By 12:45 on the morning of May 28, the situation in Chamberlain was critical. The school had burned itself out on a fairly isolated piece of ground, but the entire downtown area was ablaze. Almost all the city water in that area had been tapped, but not enough was available (at low pressure) from Deighan Street water mains to save business buildings below the intersection of Main and Oak streets.

From My Name Is Susan Snell (p.45)

But I am sorry for Carrie. They’ve forgotten her, you know. They’ve made her into some kind of symbol and forgotten that she was a human being, as real as you reading this, with hopes and dreams and blah, blah, blah. Useless to tell you that, I suppose. Nothing can change her back now from something made out of newsprint into a person. But she was, and she hurt. More than any of us probably know, she hurt.
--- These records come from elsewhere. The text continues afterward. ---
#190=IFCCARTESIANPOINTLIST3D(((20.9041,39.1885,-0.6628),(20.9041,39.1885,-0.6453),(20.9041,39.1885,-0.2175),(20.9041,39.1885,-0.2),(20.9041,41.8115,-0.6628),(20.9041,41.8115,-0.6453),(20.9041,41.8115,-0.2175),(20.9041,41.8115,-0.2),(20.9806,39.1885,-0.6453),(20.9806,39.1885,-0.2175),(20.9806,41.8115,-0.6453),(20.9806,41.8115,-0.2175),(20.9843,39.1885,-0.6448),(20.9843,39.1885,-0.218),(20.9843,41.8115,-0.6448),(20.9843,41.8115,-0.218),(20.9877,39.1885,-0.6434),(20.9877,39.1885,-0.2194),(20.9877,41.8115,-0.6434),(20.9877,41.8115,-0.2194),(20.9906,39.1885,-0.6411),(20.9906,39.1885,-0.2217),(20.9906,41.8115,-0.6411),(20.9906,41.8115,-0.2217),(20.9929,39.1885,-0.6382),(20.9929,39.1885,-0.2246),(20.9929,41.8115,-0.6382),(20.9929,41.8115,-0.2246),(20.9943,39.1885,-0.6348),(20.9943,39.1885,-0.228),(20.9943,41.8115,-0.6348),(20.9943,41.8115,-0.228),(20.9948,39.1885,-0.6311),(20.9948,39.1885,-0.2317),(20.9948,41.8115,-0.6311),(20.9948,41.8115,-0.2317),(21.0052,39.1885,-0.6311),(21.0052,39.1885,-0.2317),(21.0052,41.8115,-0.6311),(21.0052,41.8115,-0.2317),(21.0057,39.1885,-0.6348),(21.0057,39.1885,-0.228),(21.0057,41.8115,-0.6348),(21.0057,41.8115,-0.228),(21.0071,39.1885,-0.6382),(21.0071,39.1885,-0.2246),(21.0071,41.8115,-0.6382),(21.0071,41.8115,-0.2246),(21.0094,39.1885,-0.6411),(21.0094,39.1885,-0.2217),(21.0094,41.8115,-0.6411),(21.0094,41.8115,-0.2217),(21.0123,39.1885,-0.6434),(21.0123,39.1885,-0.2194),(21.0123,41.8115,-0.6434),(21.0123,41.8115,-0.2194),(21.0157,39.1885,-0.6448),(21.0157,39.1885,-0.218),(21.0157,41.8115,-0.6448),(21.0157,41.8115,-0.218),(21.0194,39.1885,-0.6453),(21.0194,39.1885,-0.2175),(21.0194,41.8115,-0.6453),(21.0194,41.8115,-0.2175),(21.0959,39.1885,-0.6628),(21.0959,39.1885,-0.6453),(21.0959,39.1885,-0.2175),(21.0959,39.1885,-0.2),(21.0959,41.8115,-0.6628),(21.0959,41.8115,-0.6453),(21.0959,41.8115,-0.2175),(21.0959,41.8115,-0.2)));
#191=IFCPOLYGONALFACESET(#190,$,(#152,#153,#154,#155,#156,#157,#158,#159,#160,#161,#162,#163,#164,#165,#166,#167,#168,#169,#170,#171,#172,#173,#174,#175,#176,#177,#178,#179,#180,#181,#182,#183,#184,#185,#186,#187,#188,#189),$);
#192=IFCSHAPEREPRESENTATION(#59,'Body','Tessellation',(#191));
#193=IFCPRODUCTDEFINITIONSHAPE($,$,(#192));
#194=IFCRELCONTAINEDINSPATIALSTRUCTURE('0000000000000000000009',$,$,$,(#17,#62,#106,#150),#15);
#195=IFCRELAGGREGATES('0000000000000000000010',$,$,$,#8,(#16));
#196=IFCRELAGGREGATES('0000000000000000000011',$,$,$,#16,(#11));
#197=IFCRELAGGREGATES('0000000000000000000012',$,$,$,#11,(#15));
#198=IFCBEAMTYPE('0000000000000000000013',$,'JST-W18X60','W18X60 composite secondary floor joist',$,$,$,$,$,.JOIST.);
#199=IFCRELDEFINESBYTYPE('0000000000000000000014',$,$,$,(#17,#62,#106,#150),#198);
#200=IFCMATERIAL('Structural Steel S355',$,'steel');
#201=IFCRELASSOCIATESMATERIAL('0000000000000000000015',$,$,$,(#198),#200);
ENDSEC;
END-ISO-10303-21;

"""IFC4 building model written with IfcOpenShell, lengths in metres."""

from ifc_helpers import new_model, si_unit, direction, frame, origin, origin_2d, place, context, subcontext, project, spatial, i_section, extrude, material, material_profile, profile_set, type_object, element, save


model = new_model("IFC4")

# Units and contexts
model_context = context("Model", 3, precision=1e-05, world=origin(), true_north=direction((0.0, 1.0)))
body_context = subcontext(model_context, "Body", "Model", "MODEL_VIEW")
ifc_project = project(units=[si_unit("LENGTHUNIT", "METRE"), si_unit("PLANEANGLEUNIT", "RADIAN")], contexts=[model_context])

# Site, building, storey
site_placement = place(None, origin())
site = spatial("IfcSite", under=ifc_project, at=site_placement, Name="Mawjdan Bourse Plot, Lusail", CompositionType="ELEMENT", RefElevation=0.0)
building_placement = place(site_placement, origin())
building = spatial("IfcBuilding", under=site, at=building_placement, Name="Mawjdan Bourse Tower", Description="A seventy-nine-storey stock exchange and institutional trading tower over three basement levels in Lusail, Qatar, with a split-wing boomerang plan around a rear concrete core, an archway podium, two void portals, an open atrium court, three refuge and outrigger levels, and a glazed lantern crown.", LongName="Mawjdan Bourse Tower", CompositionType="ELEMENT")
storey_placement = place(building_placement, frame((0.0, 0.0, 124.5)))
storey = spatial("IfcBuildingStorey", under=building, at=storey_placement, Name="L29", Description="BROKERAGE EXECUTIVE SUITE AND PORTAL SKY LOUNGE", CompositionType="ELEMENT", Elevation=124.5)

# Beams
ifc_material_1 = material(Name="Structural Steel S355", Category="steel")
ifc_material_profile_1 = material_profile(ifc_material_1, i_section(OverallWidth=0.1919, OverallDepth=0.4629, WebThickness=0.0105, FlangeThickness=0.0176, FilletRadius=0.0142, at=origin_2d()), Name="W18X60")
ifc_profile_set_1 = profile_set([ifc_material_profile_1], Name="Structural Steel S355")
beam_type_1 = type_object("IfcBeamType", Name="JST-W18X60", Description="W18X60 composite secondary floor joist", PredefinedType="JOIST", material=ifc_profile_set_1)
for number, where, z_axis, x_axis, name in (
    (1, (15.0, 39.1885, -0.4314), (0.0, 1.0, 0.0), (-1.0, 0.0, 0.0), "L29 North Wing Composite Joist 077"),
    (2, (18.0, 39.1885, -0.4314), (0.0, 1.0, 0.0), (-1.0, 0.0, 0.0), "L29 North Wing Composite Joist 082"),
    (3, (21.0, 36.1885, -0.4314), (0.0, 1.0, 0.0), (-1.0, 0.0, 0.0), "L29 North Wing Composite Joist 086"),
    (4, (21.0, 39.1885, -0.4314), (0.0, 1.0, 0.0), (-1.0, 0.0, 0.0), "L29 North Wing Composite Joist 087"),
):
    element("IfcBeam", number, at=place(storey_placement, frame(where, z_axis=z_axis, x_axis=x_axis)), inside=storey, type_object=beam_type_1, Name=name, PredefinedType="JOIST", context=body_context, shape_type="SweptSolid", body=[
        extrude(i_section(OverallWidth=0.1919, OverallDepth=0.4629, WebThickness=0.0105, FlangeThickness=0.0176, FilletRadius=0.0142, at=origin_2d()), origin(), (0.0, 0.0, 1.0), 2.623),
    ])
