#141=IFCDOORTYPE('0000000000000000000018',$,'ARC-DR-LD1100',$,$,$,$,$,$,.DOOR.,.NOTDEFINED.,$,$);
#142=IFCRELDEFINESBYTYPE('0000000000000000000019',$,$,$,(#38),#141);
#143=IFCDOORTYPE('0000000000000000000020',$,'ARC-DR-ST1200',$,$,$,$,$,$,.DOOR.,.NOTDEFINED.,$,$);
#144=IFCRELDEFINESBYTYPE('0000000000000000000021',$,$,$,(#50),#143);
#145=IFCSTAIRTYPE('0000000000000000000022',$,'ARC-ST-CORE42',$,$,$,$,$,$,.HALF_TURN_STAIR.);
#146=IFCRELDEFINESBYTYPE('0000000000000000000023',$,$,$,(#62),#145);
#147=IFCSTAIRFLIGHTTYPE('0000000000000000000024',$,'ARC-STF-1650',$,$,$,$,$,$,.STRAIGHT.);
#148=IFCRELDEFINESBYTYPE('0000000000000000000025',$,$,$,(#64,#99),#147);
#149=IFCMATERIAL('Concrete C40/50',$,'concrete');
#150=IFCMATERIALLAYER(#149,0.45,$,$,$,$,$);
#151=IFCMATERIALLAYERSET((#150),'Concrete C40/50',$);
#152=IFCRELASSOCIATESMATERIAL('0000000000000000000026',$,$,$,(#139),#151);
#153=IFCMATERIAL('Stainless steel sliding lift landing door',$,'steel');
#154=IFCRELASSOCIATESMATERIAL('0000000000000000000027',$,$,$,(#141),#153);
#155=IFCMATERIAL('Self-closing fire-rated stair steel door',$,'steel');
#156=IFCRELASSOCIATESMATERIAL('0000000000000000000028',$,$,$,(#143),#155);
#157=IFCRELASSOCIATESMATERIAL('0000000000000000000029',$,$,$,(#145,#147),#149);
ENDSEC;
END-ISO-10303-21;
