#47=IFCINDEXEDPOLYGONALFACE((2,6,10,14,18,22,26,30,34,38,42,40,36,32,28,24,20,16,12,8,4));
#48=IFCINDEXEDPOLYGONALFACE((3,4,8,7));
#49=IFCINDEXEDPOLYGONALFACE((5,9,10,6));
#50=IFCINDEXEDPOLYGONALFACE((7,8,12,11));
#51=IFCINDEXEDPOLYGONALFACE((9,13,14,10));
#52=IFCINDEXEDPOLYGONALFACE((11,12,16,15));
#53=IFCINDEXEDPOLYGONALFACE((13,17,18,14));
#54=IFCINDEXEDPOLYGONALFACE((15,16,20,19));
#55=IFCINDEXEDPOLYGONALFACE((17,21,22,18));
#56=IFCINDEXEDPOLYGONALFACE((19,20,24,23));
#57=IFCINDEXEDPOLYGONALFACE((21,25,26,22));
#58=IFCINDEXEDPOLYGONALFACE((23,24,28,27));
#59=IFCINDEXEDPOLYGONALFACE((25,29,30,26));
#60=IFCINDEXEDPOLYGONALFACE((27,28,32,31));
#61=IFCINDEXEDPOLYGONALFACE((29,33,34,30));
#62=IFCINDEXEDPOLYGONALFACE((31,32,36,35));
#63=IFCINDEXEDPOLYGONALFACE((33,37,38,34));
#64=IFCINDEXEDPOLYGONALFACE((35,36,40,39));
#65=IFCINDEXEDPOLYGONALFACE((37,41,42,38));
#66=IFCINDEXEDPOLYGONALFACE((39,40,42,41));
When your protagonist is finally gone, the book does not end. You see what became of the setting; A depressed, gray town that’s forever scarred. The seniors cannot enjoy graduation, they can barely even get through their speeches without becoming tearful and dismissed. I personally, find the aftermath of The Black Prom the most emotionally affecting part of the story. When you think about how it’d feel to lose that many loved ones. It’s hard to describe the kind of hollow longing the book leaves you with, highlighted with one of the protagonists losing the one they loved. I know I literally drew a line and wrote DO NOT CONTINUE READING underneath the one part of the book where Carrie is finally happy. The turnout is emotionally catastrophic. Even more so when you know that the train wreck is coming, and that her happiness cannot last forever.

The thing is, when you’re reading this, the events continue but there’s the added report which is like a look into the future. And the closer they get to the big scene, the more frequent (and informative) the clips are. It’s like you hear a heartbeat the entire book, and as they narrow down to the key factor of what happened at prom, the heartbeat gets louder. And then it happens and you hear a big crash, and all that’s left is the destruction, and then the harrowing aftermath.

I highly recommend this book if you want to be completely immersed, and personally affected. It’s not a book you’ll soon forget. And as they say, you will know her name.

Reviewed by: teen volunteer Kat

Recommended for: Lovers of emotional, shocking and otherwise horrific stories.